My PhD supervisor died last week and I felt so very sad. He was a remarkable human. I always begin to write that he was ‘mad’ but then I think about it and realise that I actually mean he had a loud wild laugh and also extraordinary clarity. He was utterly unique - hilarious and deeply serious, stubborn and joyful. A truly larger than life character whose impact on the world, particularly the little island of Tasmania (where I lived while I met my husband and where I did my PhD), was huge. As Australian writer Richard Flanagan (another Tasmanian) said so well, there is a very large hole in Tasmania’s forest without Jamie.
I learned this news whilst visiting Sweden with my parents where I was in love with the colours and everything old. In particular the old colourful timber houses that sit amidst and upon and within the granite boulders that make up lots of the Stockholm archipelago. I was thinking about how at home these houses are in the landscape. How much they added to the sense of place and how they looked built for a ‘good life’. Built with so much colour and also with human hands, nestled in the world around them. Unsurprisingly, I wanted to stop and stay and live in one. Probably a yellow one, with a moss covered roof and a garden filled with old trees… and maybe even a green plastic watering can.
Jamie taught me a lot about loving the world. Dave and I got married in a beautiful piece of bushland near where we lived - atop a beautifully forest hill almost in the middle of the city of Hobart, Tasmania. I loved it because of how beautiful it was and also because it was where we strolled in the evenings. Jamie came to our wedding and told me how wonderful it was that we loved this place as he had fought to save it. It was only still there because he had spent hours campaigning to protect it and had shared with everyone all its beauty and the unique plants and animals that made it home. Jamie arrived in Tasmania in 1970 (I think), fell in love with the highlands and decided to stay there for the rest of his life to learn about them and share this love with others. He did. And in doing so changed the island for the better. He shared powerfully its unique beauty and this helped people appreciate it and treasure it. His love and work made it easier for people like me to love it too.
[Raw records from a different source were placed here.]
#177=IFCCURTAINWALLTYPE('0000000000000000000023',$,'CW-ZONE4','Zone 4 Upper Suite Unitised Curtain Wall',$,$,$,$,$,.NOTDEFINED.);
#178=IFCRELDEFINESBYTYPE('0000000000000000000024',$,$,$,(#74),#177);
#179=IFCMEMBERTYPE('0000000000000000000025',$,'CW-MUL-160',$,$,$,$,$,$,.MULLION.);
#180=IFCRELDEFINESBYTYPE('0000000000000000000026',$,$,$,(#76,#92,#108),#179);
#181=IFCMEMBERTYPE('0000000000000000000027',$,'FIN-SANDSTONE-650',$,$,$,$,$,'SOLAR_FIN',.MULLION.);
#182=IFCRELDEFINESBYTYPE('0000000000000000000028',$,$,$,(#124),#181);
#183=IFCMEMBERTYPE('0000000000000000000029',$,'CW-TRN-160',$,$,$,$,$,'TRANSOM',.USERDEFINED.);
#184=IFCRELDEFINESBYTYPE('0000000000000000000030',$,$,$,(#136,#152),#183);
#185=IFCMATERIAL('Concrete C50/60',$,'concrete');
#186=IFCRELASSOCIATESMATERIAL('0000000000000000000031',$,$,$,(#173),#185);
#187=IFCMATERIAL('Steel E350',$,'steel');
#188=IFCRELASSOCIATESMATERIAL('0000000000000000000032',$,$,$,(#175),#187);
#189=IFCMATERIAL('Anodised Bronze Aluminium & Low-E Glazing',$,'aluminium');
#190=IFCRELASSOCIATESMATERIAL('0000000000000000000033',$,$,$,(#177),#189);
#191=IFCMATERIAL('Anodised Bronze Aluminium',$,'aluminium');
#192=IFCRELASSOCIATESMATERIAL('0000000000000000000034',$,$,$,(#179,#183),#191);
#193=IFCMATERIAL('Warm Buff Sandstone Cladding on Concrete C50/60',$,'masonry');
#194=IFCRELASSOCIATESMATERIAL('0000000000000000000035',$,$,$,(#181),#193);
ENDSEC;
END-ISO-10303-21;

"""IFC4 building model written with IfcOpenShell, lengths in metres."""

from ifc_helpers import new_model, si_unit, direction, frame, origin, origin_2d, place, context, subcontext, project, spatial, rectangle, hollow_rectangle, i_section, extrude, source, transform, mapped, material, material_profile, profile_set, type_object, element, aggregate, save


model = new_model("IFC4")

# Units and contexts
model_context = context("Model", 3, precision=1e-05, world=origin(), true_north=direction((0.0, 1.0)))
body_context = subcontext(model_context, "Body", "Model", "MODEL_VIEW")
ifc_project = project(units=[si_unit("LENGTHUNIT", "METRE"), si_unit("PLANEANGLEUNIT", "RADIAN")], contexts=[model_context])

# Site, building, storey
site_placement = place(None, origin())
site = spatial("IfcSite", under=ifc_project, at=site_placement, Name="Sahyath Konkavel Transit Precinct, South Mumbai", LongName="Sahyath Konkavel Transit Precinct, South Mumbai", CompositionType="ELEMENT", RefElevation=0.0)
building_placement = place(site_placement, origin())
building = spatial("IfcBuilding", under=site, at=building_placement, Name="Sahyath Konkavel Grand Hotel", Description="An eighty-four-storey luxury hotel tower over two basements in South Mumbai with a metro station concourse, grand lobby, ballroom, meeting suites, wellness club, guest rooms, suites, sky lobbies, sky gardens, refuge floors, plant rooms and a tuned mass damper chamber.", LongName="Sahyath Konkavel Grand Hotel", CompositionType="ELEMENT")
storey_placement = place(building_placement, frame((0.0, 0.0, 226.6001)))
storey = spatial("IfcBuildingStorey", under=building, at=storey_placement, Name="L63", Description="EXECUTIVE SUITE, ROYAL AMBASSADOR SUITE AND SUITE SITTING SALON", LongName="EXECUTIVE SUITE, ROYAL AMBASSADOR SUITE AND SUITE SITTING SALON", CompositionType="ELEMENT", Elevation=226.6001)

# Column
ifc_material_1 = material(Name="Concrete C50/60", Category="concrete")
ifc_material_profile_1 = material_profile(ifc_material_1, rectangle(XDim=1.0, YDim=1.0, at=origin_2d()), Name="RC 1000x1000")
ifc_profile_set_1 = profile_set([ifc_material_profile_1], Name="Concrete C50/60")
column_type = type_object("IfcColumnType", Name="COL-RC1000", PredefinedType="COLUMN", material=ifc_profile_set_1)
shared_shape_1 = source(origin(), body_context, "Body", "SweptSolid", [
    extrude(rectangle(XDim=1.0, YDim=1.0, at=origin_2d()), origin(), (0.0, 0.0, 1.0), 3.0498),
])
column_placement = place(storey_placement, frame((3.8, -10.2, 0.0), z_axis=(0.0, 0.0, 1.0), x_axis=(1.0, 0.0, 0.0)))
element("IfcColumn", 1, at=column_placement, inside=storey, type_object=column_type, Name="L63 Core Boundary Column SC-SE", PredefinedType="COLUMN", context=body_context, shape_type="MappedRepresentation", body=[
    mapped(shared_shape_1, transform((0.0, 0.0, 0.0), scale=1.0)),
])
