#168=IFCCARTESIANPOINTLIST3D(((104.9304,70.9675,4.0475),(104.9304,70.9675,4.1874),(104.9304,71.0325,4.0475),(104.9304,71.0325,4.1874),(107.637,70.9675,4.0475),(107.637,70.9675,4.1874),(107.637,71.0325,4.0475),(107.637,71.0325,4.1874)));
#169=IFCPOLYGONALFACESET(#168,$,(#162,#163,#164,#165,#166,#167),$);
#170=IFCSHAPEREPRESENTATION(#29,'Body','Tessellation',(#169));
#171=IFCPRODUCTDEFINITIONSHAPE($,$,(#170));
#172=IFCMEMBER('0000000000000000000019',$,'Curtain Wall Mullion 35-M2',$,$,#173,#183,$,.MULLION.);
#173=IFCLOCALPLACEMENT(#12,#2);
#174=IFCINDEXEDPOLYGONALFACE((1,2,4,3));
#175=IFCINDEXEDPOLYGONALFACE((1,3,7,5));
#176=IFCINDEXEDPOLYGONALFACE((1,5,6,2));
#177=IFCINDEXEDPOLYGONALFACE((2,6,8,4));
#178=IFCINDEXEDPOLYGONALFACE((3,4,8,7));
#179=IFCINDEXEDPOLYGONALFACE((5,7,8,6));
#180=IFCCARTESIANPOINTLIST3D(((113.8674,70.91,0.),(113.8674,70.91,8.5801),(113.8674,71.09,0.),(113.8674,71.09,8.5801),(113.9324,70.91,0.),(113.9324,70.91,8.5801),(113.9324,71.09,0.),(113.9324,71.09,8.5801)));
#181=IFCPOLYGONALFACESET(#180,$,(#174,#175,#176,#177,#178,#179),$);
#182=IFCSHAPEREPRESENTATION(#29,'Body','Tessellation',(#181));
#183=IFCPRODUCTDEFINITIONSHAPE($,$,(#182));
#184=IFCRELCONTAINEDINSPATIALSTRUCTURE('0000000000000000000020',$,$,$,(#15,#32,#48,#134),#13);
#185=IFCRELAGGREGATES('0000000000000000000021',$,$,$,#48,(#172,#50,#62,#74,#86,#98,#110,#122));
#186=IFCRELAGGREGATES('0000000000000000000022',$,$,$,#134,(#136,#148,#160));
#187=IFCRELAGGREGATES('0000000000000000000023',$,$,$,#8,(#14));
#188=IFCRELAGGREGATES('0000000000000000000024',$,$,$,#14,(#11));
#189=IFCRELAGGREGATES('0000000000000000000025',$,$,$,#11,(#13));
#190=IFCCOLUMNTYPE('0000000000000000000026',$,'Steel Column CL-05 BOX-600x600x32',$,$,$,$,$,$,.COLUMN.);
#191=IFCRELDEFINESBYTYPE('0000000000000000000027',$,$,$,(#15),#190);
I can’t imagine this connection to a place. Or commitment.
I think for a long time I thought I just hadn’t found my ‘place’. The one where you just arrive at and know it’s the right one. But the more places I’ve seen the more I realise I love so so so so very many. And I am greedy. I always want to see more. I worry that perhaps this makes me a kind of parasite. I love places so much with my eyes. I wander through them and soak them in and they fill me up. They fuel my imagination. I take their photograph. I draw them. I imagine worlds and stories that might take place in them. And then I tend to move on. People like Jamie see them and love them and then stay there and care for them. Perhaps this is real love, when there’s work involved too.
I think loving a place with this kind of depth also comes for lots of people through food. The little island we stayed in near Stockholm was filled not just with beautiful colourful houses nestled into their surrounds, but also so so many bountiful apple trees. There was a cafe there that only opened sometimes on sunny days where I think the owner was famous for serving apple and rhubarb pies in their beautiful garden, completed by an ancient apple tree. I walked past often, hoping it might open (it didn’t). But I loved to imagine the kitchen and the joy of preparing a pie with fruit straight from trees in the garden. I guess this is how most people once enjoyed pie. I was there with my mum - who has a beautiful old apple tree in her garden - and thought of her mum, my nana, who did too. And then made this drawing of an imagined woman in an imagined kitchen baking pie out of fruit gathered from the garden.
Image making as a way to love the world?
A friend, another Tasmanian, surprised me one day while we were doing our PhDs together. He asked me what I’d do with my life if if anything was possible, if I could do anything at all. I said “be an illustrator” (far from what I was doing which was a PhD in human geography) and he asked me why I wasn’t doing that. I said because I felt like I should do something that was ‘useful’ to the world. He laughed and asked why I didn’t think that illustrating would be useful and said that was the catholic in me coming through (I was raised in a strict catholic household although never believed a word of it so hadn’t realised these things can come baked in). I realised then that I’d never thought about drawing or art making or loving the world through images as being something ‘useful’. Until that moment I’d thought of it as decoration, as excess, as something optional, an extra. Rather than perhaps being essential to humans making sense of the world.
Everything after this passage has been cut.